Inevitably though, our Burgundian break ends with a glass. Policies may be decided in Dijon, but the region's wine capital is Beaune. And really it is all about the vine in this lovely city - teaching, drinking, buying, selling and tasting. First though, there's a tour of the stunning Hospices de Beaune. Its turrets and roofs emblazoned with dazzling Chinese tiles, this almshouse was built in medieval times and used until 1971 as a hospital: today, it's a museum furnished still with beds where patients slept, an 18th century pharmacy filled with potions and lotions, and a chapel with Rogier van der Weyden's Polyptych of the Last Judgement.
Finally, we visit Cave Patriarche for an intriguing tour underneath the city's streets. Millions of bottles line five kilometres of labyrinthine passages ending with a candle lit cellar where a final pinot noir frames our au revoir. Though we pack an immense amount into a short time, it's only the tip of the proverbial iceberg. Burgundy teems with Elysian medieval villages: Flavigny-sur-Ozerain, where Chocolat was filmed, Noyers-sur-Serein (ace for truffles and markets), Vezelay with its wondrous Basilique Sainte Madeleine. This Madeleine will definitely go back.
After all, France is always a good idea.
Fly from Dublin to Paris CDG with Aer Lingus (aerlingus.com) and Air France (airfrance.com). Ryanair (ryanair.com) flies from Dublin and Shannon to Paris Beauvais.

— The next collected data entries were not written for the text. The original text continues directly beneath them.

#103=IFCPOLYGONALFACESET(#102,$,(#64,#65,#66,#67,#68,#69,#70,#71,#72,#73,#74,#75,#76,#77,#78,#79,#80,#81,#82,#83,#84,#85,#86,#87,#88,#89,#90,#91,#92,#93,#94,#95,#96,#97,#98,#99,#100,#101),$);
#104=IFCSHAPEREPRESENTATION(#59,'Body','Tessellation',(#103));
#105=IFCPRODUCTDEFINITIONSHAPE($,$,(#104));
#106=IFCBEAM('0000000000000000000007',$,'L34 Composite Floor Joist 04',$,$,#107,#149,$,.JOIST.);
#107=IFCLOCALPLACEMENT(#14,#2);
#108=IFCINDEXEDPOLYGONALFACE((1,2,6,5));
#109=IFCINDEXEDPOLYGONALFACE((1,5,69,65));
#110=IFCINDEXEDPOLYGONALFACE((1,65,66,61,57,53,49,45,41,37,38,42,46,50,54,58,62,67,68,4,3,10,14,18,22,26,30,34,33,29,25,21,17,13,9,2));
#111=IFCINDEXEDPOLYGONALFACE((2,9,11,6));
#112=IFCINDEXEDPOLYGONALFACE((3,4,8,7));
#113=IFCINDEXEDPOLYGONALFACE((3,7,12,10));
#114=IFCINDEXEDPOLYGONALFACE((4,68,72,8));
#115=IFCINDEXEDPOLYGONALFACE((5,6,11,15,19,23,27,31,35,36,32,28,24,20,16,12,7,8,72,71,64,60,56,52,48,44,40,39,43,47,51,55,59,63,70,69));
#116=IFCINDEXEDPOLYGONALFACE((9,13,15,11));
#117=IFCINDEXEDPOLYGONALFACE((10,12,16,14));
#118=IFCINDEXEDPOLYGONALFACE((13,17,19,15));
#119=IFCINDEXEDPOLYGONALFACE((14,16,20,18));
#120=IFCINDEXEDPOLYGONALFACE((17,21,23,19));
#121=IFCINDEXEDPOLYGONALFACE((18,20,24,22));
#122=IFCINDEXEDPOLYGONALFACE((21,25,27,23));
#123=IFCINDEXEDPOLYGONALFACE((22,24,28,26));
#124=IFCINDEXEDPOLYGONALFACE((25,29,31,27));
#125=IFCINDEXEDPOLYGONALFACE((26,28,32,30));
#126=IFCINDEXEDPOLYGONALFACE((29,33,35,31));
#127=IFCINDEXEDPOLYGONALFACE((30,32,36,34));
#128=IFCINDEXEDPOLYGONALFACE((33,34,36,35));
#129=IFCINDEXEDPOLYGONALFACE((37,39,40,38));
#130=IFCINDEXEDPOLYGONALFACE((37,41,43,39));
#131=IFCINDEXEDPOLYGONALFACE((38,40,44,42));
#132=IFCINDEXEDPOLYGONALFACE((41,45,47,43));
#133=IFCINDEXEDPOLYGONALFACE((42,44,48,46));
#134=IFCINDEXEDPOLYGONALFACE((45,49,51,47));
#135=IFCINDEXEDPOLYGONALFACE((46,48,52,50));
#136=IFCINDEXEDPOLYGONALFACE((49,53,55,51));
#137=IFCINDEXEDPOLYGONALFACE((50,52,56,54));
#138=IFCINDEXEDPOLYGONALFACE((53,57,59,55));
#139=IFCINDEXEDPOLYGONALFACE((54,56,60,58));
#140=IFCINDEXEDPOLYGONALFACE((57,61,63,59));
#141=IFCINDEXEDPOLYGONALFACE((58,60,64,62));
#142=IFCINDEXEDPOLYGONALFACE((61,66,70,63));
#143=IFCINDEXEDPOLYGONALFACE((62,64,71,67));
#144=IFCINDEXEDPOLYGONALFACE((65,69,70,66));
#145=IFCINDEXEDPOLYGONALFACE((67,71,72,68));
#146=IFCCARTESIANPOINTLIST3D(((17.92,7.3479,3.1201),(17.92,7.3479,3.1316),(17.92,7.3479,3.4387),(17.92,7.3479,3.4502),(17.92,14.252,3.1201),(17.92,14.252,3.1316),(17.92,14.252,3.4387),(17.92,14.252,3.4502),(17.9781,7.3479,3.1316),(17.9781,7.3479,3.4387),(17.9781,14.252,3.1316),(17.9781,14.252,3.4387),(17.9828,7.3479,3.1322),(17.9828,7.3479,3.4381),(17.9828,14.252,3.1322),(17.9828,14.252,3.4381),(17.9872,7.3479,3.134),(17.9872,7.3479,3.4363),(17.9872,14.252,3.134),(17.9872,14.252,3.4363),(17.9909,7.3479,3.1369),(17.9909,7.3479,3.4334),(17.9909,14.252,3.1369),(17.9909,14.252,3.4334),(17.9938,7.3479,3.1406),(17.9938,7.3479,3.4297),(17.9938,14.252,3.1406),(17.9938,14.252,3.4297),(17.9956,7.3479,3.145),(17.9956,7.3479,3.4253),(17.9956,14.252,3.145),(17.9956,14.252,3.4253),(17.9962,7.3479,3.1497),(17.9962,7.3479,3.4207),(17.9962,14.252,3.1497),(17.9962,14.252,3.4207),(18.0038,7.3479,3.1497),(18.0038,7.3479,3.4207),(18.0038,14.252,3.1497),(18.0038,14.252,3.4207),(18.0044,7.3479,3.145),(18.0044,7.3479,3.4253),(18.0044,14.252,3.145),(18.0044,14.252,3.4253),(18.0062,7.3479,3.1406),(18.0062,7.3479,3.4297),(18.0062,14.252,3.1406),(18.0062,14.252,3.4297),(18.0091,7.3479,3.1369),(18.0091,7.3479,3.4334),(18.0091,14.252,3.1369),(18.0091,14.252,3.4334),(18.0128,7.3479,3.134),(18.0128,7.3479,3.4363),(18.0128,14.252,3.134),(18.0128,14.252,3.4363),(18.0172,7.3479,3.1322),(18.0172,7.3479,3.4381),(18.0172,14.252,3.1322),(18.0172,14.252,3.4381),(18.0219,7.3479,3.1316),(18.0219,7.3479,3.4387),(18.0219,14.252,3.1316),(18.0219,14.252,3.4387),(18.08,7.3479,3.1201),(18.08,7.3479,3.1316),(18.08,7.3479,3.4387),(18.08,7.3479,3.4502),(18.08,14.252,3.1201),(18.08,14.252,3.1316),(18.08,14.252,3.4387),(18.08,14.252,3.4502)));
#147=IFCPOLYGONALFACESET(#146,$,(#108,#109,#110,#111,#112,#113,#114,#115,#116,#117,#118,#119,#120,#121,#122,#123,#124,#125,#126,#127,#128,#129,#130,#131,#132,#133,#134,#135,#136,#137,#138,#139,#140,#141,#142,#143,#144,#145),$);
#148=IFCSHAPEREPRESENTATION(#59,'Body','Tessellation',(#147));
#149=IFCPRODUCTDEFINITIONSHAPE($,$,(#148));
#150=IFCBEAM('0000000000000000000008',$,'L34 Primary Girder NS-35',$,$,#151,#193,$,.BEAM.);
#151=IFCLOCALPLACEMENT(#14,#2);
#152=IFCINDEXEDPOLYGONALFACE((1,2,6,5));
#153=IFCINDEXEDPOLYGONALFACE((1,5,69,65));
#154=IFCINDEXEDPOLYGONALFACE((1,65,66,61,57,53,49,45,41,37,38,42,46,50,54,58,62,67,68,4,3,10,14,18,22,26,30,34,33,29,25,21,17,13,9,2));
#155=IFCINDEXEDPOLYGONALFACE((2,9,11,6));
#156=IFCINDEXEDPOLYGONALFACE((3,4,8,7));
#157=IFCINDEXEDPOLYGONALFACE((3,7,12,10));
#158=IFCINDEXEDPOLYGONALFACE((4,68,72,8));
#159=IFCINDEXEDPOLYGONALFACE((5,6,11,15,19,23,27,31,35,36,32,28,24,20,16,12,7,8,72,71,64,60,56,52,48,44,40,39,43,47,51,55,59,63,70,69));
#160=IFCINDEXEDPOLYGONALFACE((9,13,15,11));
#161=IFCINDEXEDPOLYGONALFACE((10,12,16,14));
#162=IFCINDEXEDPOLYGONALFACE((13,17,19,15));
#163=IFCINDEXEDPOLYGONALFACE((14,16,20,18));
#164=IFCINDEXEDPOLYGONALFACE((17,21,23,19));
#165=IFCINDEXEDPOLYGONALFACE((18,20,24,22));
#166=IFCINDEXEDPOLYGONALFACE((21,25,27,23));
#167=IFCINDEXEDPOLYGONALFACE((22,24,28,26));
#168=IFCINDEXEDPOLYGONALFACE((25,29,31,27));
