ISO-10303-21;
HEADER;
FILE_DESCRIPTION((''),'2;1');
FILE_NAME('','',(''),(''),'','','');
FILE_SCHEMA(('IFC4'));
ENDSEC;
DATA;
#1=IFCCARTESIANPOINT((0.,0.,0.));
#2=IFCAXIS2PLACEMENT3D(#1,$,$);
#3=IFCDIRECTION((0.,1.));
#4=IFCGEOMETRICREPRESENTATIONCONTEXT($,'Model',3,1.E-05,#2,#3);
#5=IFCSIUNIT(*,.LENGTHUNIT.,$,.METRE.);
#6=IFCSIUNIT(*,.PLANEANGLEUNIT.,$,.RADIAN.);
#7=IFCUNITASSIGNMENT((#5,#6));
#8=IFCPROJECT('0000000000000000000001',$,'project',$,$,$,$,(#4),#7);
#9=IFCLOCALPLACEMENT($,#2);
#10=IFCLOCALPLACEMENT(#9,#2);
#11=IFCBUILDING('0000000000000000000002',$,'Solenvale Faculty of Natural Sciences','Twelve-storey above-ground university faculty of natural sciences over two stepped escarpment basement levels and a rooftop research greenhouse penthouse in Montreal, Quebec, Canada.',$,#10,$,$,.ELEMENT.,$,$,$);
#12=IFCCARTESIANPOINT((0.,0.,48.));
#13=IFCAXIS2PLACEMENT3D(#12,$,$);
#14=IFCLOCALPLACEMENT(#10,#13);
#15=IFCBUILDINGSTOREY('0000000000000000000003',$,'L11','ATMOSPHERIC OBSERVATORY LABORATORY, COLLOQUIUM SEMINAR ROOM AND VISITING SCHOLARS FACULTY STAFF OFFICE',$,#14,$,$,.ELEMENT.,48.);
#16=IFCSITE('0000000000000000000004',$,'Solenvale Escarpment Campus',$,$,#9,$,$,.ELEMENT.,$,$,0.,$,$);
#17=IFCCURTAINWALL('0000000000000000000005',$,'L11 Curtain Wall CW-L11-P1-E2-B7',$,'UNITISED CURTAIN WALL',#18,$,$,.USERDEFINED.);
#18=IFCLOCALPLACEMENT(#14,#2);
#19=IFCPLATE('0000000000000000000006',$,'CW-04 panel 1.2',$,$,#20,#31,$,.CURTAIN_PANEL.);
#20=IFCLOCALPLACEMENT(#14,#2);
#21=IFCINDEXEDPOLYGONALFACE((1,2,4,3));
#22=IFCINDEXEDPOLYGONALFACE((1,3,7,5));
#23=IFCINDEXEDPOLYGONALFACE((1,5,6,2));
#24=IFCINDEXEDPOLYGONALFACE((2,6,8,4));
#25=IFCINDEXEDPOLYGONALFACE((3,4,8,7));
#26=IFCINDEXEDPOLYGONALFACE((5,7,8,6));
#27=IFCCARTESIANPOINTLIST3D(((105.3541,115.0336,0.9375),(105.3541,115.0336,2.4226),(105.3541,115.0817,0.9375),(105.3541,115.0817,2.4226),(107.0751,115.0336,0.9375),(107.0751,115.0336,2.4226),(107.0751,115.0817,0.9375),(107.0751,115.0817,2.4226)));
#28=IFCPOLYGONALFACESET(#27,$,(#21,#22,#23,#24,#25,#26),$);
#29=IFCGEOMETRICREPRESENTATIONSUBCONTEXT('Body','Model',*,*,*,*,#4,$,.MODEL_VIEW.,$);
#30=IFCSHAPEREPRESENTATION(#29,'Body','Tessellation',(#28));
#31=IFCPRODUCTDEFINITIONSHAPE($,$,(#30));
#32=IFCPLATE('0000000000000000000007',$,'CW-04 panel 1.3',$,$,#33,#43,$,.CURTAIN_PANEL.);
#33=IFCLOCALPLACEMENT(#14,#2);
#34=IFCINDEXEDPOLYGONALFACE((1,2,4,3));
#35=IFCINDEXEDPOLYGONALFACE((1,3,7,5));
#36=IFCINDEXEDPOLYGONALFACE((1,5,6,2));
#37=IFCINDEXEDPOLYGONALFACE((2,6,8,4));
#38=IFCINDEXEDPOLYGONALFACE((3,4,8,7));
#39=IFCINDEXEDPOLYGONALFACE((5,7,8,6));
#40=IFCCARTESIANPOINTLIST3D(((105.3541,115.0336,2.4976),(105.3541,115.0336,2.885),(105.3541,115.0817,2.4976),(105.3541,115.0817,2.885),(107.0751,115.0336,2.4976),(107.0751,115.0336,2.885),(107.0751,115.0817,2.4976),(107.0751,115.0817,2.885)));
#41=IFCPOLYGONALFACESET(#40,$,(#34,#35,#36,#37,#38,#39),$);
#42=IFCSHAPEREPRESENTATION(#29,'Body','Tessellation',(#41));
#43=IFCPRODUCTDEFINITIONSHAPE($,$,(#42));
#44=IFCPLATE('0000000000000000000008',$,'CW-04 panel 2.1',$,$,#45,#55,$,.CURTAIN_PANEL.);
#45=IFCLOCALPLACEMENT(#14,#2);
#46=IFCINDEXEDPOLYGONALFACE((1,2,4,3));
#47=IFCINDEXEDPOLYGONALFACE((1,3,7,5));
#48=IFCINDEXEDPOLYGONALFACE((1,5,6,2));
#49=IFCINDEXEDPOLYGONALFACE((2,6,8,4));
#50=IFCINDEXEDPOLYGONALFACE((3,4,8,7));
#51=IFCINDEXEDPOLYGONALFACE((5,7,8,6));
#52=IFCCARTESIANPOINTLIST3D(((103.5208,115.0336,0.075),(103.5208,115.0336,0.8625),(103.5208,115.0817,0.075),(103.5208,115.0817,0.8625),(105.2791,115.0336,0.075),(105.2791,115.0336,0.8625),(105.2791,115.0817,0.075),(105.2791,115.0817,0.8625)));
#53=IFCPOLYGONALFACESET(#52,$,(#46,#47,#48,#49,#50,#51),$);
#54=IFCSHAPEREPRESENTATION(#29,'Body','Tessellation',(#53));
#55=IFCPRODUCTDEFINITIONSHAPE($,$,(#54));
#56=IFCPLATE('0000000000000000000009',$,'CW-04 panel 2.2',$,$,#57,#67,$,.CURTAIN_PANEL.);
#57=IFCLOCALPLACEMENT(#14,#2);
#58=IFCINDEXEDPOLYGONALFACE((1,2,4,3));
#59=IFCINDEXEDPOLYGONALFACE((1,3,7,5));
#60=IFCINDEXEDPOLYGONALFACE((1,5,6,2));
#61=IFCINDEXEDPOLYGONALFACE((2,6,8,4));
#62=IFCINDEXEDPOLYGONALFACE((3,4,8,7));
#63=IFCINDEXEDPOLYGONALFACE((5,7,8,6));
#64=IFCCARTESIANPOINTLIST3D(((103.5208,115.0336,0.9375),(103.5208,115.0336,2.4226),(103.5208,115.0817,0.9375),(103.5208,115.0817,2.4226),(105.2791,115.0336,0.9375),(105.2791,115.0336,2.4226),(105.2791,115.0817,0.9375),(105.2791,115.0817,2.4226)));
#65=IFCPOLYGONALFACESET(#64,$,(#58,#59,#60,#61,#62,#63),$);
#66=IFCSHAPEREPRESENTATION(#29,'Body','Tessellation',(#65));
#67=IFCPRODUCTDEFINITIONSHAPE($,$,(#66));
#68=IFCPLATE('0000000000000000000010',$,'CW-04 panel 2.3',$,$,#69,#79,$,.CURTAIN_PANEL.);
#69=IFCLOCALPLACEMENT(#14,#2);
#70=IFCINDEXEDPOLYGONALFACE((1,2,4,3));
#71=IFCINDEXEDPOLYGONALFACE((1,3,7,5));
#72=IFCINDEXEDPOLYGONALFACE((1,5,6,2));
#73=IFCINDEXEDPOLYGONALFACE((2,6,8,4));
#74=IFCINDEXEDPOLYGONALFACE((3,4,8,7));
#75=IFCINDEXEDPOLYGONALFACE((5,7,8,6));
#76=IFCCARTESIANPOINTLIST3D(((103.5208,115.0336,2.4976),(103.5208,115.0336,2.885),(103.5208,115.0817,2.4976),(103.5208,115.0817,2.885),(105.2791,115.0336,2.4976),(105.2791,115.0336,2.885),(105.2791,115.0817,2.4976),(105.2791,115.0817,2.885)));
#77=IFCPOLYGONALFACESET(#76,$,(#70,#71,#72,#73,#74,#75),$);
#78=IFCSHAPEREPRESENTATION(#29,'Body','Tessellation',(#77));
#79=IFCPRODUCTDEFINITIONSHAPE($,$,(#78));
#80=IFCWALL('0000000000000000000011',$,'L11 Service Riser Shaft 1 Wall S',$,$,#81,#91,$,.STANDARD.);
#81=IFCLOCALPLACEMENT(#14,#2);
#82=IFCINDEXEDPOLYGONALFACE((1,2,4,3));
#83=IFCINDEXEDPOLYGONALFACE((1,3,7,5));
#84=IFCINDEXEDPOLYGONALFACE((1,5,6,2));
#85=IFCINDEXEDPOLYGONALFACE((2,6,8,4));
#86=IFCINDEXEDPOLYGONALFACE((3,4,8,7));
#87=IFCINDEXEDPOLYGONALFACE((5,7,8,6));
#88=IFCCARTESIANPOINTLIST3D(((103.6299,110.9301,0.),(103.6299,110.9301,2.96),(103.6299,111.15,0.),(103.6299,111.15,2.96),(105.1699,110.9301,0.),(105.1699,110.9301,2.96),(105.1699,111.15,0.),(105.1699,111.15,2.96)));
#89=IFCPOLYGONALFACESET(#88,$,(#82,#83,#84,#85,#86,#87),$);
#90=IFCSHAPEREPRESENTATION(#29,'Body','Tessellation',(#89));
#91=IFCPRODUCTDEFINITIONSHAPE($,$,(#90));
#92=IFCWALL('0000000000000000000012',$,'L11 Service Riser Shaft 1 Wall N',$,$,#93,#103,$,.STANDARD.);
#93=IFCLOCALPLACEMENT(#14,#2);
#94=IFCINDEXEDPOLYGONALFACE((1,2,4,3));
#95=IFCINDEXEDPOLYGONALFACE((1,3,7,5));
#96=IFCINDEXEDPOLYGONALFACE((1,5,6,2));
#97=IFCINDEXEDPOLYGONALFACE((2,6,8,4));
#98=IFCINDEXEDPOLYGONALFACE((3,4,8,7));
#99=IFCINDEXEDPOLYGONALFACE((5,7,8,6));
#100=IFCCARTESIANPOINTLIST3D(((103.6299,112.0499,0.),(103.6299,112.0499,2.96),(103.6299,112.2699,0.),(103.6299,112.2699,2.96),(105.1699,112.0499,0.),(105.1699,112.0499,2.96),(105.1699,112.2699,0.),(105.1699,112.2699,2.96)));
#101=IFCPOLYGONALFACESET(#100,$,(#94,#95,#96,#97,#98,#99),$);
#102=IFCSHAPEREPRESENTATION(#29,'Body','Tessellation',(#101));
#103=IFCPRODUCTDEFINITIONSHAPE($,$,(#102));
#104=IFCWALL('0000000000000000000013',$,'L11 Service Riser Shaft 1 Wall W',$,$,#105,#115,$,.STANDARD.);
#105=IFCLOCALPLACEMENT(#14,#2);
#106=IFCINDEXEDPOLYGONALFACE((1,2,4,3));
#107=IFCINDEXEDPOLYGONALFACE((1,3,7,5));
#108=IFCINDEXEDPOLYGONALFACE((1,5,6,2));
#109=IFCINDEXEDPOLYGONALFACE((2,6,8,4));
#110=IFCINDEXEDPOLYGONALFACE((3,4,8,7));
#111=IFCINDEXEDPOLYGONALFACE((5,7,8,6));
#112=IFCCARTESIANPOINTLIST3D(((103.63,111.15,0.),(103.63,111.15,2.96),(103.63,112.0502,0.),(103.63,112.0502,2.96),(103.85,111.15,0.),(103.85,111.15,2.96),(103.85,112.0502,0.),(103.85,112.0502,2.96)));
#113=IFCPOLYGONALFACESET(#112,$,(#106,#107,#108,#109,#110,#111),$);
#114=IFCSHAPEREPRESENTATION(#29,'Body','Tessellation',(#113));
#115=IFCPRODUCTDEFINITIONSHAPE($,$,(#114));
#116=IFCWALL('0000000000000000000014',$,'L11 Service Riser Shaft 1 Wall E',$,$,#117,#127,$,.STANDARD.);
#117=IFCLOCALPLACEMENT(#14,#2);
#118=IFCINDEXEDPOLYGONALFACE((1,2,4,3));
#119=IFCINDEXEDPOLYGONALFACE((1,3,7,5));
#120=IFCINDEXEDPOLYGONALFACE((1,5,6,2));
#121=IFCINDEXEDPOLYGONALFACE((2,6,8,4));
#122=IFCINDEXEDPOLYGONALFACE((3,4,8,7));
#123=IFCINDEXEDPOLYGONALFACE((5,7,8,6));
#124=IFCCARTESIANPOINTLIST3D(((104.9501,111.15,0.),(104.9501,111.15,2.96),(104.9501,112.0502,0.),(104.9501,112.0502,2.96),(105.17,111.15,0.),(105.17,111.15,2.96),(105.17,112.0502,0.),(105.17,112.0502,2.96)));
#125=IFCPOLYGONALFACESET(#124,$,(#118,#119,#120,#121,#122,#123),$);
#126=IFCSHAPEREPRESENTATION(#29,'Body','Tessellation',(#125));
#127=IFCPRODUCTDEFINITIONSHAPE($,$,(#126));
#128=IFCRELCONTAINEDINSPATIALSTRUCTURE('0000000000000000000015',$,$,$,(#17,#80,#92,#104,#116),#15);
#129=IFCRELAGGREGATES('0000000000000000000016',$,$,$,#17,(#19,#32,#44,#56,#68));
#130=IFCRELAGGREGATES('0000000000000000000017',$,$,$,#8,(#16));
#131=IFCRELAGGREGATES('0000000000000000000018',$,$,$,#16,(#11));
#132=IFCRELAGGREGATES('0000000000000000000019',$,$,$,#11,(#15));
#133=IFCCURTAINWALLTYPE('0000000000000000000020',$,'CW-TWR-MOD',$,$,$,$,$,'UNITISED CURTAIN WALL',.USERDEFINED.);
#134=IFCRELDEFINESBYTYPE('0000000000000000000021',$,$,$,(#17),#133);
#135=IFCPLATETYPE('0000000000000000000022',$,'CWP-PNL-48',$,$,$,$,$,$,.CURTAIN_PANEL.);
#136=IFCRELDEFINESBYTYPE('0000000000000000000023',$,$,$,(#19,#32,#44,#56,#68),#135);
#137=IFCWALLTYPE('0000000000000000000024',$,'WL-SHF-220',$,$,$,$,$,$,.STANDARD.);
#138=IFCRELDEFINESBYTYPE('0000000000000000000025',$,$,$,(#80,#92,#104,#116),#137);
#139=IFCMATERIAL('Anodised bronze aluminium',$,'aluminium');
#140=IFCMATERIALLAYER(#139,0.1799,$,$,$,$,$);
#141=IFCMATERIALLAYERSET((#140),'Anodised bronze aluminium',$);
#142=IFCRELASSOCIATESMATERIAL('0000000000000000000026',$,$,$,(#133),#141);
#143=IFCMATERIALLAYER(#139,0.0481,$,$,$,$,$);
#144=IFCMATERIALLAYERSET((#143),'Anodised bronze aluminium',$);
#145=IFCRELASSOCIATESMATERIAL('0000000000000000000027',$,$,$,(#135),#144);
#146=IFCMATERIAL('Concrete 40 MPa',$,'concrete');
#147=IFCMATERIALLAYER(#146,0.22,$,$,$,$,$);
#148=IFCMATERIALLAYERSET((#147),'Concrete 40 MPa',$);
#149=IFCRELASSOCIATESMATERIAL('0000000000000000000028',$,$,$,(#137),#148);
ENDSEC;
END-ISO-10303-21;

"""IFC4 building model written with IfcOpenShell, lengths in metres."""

from ifc_helpers import new_model, si_unit, direction, frame, frame_2d, origin, origin_2d, place, context, subcontext, project, spatial, rectangle, extrude, material, layer, layer_set, type_object, element, aggregate, save


model = new_model("IFC4")

# Units and contexts
model_context = context("Model", 3, precision=1e-05, world=origin(), true_north=direction((0.0, 1.0)))
body_context = subcontext(model_context, "Body", "Model", "MODEL_VIEW")
ifc_project = project(units=[si_unit("LENGTHUNIT", "METRE"), si_unit("PLANEANGLEUNIT", "RADIAN")], contexts=[model_context])

# Site, building, storey
site_placement = place(None, origin())
site = spatial("IfcSite", under=ifc_project, at=site_placement, Name="Solenvale Escarpment Campus", CompositionType="ELEMENT", RefElevation=0.0)
building_placement = place(site_placement, origin())
building = spatial("IfcBuilding", under=site, at=building_placement, Name="Solenvale Faculty of Natural Sciences", Description="Twelve-storey above-ground university faculty of natural sciences over two stepped escarpment basement levels and a rooftop research greenhouse penthouse in Montreal, Quebec, Canada.", CompositionType="ELEMENT")
storey_placement = place(building_placement, frame((0.0, 0.0, 48.0)))
storey = spatial("IfcBuildingStorey", under=building, at=storey_placement, Name="L11", Description="ATMOSPHERIC OBSERVATORY LABORATORY, COLLOQUIUM SEMINAR ROOM AND VISITING SCHOLARS FACULTY STAFF OFFICE", CompositionType="ELEMENT", Elevation=48.0)

# Shared definitions
ifc_material_1 = material(Name="Concrete 40 MPa", Category="concrete")

# Curtain wall, plates
ifc_material_2 = material(Name="Anodised bronze aluminium", Category="aluminium")
ifc_layer_1 = layer(ifc_material_2, 0.1799)
ifc_layer_set_1 = layer_set([ifc_layer_1], Name="Anodised bronze aluminium")
curtain_wall_type = type_object("IfcCurtainWallType", Name="CW-TWR-MOD", ElementType="UNITISED CURTAIN WALL", PredefinedType="USERDEFINED", material=ifc_layer_set_1)
curtain_wall_placement = place(storey_placement, origin())
curtain_wall = element("IfcCurtainWall", 1, at=curtain_wall_placement, inside=storey, type_object=curtain_wall_type, Name="L11 Curtain Wall CW-L11-P1-E2-B7", ObjectType="UNITISED CURTAIN WALL", PredefinedType="USERDEFINED")
ifc_layer_2 = layer(ifc_material_2, 0.0481)
ifc_layer_set_2 = layer_set([ifc_layer_2], Name="Anodised bronze aluminium")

For trains from Paris to Burgundy, see voyages-sncf.com.
For information on Burgundy visit burgundy-tourism.com; for Dijon see visitdijon.com; for Beaune beaune-tourisme.fr and Tournus tournugeois.fr.
For more details on the hotels: Abbaye de la Bussiere (abbayedelabussiere.fr),Rotisserie du Chambertin (rotisserie-chambertin.com) and Château de Besseuil (chateaudebesseuil.com).